Our attention, then, is with that topmost layer—what is filled into the skeleton when we are consciously thinking about our play. Several things change when we are playing well, including our employment of skills that we haven’t unconsciously mastered, frequently accompanied by an increase in patience, but that’s not what we’re going to focus on now. Instead, we want to look at the stream of internal dialogue that is running through our head.
The chief characteristic of poker theory is that it is mediated through language. So any engagement with poker theory will almost always be processed through our conscious brain. (To be more exact, it is mediated by symbols, including mathematical and linguistic ones).
When we are on our A-game, we are constantly invoking heuristics. A heuristic is, to put it simply, a kind of rule of thumb. It is a not-quite-perfect-but-good-enough script that we follow and usually gives us good results. A practical (albeit rather specific) heuristic would be something like, “don’t check-raise bluff a board like A49r, just float it,” or “never c-bet air on QT7s,” or something more general, such as “in a SA/WB situation, try to minimize the pot size.” A heuristic is not a mental breakdown of a hand—it is merely a prefabricated rule to help you get to the answer to a hand that you don’t know on an unconscious level.

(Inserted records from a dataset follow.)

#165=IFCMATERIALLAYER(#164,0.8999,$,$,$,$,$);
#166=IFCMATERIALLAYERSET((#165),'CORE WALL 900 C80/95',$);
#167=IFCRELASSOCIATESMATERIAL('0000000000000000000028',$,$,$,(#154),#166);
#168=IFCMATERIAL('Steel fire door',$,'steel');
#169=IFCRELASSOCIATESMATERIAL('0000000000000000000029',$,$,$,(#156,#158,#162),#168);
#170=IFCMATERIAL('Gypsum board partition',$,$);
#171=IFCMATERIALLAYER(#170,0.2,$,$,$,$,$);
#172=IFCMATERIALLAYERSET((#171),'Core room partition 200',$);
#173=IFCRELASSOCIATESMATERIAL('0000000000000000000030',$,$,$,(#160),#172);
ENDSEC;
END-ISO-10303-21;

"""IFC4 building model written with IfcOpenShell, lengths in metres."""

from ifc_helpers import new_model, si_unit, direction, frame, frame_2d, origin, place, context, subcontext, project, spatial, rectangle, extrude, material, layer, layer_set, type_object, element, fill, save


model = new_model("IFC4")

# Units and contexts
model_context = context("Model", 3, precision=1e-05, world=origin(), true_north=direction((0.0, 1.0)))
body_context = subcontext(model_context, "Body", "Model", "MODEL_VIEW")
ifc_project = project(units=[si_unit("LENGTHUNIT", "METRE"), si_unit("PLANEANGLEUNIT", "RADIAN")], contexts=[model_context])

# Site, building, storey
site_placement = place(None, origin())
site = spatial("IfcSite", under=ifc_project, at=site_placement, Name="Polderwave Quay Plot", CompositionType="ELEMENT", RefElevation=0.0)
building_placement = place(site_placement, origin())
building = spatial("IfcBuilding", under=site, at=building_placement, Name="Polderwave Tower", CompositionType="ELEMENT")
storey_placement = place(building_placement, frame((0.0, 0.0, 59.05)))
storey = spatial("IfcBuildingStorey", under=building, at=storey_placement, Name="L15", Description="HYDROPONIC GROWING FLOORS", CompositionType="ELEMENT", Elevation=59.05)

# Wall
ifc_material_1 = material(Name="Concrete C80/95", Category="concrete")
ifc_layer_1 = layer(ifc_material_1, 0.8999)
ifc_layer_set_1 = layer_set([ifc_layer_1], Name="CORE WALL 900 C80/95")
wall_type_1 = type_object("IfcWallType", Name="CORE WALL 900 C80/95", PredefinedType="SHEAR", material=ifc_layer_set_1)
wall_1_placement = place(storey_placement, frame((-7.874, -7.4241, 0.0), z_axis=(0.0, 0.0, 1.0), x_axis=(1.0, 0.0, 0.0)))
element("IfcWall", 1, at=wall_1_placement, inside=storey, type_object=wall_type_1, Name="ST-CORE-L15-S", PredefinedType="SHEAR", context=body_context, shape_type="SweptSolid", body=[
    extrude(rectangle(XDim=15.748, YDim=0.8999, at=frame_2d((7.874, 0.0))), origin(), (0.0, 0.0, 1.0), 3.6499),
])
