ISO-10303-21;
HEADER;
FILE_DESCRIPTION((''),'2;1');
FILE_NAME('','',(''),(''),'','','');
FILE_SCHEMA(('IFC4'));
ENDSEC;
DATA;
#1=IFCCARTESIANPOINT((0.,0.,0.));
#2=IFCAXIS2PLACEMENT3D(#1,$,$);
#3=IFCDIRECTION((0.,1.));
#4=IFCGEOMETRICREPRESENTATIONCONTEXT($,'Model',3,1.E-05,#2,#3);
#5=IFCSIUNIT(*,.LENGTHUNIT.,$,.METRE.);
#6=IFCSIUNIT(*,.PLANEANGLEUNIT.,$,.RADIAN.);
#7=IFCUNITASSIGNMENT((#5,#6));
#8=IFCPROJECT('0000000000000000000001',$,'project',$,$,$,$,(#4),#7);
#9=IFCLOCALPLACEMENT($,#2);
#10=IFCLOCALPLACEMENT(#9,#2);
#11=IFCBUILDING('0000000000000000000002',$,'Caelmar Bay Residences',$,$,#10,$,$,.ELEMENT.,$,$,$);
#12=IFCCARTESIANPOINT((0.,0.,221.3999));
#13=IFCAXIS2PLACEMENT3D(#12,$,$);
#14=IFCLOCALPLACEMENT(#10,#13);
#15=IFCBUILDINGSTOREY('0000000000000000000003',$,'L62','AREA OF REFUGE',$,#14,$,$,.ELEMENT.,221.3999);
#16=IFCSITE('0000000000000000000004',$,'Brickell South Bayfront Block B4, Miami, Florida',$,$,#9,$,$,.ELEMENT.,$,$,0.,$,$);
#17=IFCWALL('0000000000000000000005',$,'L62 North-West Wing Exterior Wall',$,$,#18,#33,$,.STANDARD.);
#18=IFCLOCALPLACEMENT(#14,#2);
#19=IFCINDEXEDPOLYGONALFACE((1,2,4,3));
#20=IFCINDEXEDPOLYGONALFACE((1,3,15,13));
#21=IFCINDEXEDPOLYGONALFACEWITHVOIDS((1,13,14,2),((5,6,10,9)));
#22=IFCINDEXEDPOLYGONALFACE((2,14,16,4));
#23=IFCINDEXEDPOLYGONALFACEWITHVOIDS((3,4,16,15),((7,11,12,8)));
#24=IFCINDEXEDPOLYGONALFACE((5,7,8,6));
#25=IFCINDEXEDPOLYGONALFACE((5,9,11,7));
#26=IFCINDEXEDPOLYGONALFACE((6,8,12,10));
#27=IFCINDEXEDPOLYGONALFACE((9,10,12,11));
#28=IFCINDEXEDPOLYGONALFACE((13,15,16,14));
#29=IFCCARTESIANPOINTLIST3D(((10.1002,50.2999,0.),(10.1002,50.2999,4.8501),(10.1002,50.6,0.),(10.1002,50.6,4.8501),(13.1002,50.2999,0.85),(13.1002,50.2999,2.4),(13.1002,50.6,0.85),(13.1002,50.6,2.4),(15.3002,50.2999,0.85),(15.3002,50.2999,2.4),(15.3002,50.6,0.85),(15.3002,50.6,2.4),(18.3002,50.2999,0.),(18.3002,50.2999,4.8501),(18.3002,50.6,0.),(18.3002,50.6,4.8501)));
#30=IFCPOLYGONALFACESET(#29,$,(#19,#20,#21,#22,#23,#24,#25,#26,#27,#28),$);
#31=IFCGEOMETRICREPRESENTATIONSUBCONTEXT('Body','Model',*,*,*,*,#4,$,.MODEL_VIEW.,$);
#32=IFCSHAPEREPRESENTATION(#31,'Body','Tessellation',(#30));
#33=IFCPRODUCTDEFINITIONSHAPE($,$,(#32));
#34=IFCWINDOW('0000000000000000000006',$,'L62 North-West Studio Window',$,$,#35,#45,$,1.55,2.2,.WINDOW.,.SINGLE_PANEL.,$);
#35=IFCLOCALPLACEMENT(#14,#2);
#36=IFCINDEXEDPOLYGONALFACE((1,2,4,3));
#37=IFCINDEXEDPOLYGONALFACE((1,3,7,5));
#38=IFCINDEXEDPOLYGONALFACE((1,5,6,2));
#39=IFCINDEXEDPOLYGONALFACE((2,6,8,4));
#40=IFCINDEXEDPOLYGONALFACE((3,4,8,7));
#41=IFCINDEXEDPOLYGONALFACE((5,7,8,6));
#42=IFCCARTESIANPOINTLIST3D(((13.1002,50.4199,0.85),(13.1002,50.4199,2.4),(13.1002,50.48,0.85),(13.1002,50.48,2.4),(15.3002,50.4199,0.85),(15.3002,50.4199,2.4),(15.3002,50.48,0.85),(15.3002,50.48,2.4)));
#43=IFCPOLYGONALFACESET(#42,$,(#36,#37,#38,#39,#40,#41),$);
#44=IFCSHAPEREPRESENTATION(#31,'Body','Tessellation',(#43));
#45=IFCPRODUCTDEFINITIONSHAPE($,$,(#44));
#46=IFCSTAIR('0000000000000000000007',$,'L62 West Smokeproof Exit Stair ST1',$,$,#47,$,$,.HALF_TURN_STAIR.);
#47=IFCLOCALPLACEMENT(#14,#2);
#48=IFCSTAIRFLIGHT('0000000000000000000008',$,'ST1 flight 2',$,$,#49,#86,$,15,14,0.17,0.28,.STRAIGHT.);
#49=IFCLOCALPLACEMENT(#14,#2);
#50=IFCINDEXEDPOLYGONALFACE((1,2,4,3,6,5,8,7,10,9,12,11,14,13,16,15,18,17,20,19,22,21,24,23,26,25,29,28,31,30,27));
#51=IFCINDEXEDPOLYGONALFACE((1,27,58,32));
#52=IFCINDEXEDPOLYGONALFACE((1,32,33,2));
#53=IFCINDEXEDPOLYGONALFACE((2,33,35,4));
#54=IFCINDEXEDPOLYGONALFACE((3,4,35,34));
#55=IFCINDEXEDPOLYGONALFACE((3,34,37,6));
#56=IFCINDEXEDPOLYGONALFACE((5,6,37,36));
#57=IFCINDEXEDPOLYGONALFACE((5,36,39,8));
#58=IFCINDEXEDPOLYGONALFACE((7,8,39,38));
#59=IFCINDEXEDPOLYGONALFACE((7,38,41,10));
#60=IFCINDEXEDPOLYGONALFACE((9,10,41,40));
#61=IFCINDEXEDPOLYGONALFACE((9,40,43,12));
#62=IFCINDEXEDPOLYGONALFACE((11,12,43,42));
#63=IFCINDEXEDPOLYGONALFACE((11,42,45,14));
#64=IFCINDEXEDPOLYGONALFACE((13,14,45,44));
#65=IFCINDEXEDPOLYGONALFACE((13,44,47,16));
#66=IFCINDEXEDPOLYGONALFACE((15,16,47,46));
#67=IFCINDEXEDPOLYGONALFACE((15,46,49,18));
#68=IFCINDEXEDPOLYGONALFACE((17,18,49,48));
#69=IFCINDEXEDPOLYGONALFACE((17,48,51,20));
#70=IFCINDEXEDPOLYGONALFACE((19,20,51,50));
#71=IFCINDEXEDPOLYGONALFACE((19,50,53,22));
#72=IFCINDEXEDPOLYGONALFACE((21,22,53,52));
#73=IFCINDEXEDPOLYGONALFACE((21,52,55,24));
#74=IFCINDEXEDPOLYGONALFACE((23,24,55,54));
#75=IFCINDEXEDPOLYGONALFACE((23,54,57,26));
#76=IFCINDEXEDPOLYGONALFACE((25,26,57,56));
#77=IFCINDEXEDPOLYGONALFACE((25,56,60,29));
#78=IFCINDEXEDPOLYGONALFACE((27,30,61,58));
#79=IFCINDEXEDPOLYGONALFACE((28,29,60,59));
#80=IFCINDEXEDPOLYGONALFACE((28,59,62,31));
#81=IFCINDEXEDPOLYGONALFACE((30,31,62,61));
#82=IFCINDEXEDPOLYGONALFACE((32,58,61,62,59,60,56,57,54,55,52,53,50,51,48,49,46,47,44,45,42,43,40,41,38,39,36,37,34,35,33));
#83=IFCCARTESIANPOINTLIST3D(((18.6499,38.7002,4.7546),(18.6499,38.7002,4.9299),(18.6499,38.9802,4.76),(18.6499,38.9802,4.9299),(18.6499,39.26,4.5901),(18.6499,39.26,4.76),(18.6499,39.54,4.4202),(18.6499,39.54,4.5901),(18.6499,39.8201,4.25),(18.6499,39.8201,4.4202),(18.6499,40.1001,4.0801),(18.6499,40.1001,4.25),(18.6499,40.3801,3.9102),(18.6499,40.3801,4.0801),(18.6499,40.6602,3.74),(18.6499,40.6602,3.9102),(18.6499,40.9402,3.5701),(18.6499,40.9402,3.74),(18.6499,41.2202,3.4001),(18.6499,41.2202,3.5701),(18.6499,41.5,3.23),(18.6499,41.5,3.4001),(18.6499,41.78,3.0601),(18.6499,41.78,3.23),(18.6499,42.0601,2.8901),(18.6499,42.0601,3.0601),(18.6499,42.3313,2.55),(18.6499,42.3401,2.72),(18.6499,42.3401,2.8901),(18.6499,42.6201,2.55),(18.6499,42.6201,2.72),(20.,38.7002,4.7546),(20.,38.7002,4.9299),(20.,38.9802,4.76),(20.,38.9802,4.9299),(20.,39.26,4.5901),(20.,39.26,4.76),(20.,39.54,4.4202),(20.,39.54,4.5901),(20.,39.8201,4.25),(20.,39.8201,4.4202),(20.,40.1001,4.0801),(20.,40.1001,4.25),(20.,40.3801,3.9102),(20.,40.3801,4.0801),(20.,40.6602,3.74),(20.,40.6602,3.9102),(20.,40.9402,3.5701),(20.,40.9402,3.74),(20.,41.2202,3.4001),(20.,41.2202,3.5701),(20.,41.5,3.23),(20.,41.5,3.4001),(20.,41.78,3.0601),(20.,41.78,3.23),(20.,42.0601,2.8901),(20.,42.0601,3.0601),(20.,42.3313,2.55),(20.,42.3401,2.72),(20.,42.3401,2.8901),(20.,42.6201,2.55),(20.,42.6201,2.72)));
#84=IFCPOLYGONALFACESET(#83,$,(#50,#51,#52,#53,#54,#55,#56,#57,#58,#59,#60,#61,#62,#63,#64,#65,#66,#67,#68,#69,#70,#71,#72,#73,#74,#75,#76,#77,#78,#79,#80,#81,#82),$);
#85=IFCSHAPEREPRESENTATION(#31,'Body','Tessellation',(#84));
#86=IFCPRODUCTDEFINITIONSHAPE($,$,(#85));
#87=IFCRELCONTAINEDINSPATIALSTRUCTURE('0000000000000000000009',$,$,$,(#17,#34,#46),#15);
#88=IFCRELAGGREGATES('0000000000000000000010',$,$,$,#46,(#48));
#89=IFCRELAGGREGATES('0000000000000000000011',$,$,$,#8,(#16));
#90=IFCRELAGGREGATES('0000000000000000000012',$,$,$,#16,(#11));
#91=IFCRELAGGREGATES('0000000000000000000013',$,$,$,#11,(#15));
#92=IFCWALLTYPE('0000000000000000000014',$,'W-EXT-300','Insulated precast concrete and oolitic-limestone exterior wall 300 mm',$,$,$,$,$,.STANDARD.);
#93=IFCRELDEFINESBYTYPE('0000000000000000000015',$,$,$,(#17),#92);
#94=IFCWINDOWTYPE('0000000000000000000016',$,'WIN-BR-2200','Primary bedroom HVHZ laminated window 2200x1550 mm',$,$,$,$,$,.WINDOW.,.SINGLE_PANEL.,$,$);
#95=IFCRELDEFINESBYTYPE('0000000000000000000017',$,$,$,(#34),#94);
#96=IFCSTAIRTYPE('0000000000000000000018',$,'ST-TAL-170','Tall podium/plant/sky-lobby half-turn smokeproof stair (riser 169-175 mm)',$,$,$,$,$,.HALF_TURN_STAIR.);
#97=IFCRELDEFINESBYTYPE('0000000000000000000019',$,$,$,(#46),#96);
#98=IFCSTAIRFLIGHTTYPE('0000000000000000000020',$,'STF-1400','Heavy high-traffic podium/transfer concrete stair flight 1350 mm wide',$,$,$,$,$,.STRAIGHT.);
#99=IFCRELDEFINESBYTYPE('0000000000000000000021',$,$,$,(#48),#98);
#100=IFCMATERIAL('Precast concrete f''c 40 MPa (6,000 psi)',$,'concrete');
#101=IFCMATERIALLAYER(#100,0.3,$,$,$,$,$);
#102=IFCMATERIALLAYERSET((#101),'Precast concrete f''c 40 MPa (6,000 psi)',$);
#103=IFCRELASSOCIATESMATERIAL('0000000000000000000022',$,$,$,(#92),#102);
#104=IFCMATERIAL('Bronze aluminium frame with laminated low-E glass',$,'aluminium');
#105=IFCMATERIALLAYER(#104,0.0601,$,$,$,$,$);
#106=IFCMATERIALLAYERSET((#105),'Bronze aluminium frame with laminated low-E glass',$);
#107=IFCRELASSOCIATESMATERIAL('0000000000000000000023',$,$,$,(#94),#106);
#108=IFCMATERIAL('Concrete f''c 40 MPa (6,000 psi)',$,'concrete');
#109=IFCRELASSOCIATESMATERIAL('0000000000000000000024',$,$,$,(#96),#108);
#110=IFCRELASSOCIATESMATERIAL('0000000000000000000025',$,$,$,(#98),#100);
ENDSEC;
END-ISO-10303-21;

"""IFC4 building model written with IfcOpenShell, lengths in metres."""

from ifc_helpers import new_model, si_unit, direction, frame, frame_2d, origin, place, context, subcontext, project, spatial, polyline, rectangle, outline, extrude, material, layer, layer_set, type_object, element, fill, aggregate, save


model = new_model("IFC4")

# Units and contexts
model_context = context("Model", 3, precision=1e-05, world=origin(), true_north=direction((0.0, 1.0)))
body_context = subcontext(model_context, "Body", "Model", "MODEL_VIEW")
ifc_project = project(units=[si_unit("LENGTHUNIT", "METRE"), si_unit("PLANEANGLEUNIT", "RADIAN")], contexts=[model_context])

# Site, building, storey
site_placement = place(None, origin())
site = spatial("IfcSite", under=ifc_project, at=site_placement, Name="Brickell South Bayfront Block B4, Miami, Florida", CompositionType="ELEMENT", RefElevation=0.0)
building_placement = place(site_placement, origin())
building = spatial("IfcBuilding", under=site, at=building_placement, Name="Caelmar Bay Residences", CompositionType="ELEMENT")
storey_placement = place(building_placement, frame((0.0, 0.0, 221.3999)))
storey = spatial("IfcBuildingStorey", under=building, at=storey_placement, Name="L62", Description="AREA OF REFUGE", CompositionType="ELEMENT", Elevation=221.3999)

# Shared definitions
ifc_material_1 = material(Name="Precast concrete f'c 40 MPa (6,000 psi)", Category="concrete")

# Wall, opening, window
ifc_layer_1 = layer(ifc_material_1, 0.3)
ifc_layer_set_1 = layer_set([ifc_layer_1], Name="Precast concrete f'c 40 MPa (6,000 psi)")
wall_type_1 = type_object("IfcWallType", Name="W-EXT-300", Description="Insulated precast concrete and oolitic-limestone exterior wall 300 mm", PredefinedType="STANDARD", material=ifc_layer_set_1)
wall_1_placement = place(storey_placement, frame((10.1001, 50.45, 0.0), z_axis=(0.0, 0.0, 1.0), x_axis=(1.0, 0.0, 0.0)))
wall_1 = element("IfcWall", 1, at=wall_1_placement, inside=storey, type_object=wall_type_1, Name="L62 North-West Wing Exterior Wall", PredefinedType="STANDARD", context=body_context, shape_type="SweptSolid", body=[
    extrude(rectangle(XDim=8.2, YDim=0.3, at=frame_2d((4.1001, 0.0))), origin(), (0.0, 0.0, 1.0), 4.8501),
])
opening_1_placement = place(wall_1_placement, frame((3.0, 0.0, 0.8501)))
opening_1 = element("IfcOpeningElement", 2, at=opening_1_placement, cuts=wall_1, PredefinedType="OPENING", context=body_context, shape_type="SweptSolid", body=[
    extrude(rectangle(XDim=2.2, YDim=1.55, at=frame_2d((1.1001, 0.7749))), frame((0.0, 0.1599, 0.0), z_axis=(0.0, -1.0, 0.0), x_axis=(1.0, 0.0, 0.0)), (0.0, 0.0, 1.0), 0.3201),
])
ifc_material_2 = material(Name="Bronze aluminium frame with laminated low-E glass", Category="aluminium")
ifc_layer_2 = layer(ifc_material_2, 0.0601)
ifc_layer_set_2 = layer_set([ifc_layer_2], Name="Bronze aluminium frame with laminated low-E glass")
window_type = type_object("IfcWindowType", Name="WIN-BR-2200", Description="Primary bedroom HVHZ laminated window 2200x1550 mm", PartitioningType="SINGLE_PANEL", PredefinedType="WINDOW", material=ifc_layer_set_2)
window_placement = place(opening_1_placement, origin())
window = element("IfcWindow", 3, at=window_placement, inside=storey, type_object=window_type, Name="L62 North-West Studio Window", OverallHeight=1.55, OverallWidth=2.2, PartitioningType="SINGLE_PANEL", PredefinedType="WINDOW", context=body_context, shape_type="SweptSolid", body=[
    extrude(rectangle(XDim=2.2, YDim=1.55, at=frame_2d((1.1001, 0.7749))), frame((0.0, 0.03, 0.0), z_axis=(0.0, -1.0, 0.0), x_axis=(1.0, 0.0, 0.0)), (0.0, 0.0, 1.0), 0.0601),
])
fill(opening_1, window)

How do we know when we’re using a heuristic, rather than “just making plays”? After all, we are constantly making good decisions in poker when autopiloting. Most of those decisions are purely unconscious. The mark of using a heuristic rather than merely using our poker perception is that there will usually be some conscious, linguistic thinking involved. If the phrase “SA/WB” pops into your head, or “draw-heavy,” or whatever mental language that you happen to use to describe these situations—this is an indicator that you’re invoking a heuristic. They don’t always have to be explicitly linguistic; they may be merely symbolic. But for the most part, if you’re paying attention, it’s easy to spot when you’re using a heuristic.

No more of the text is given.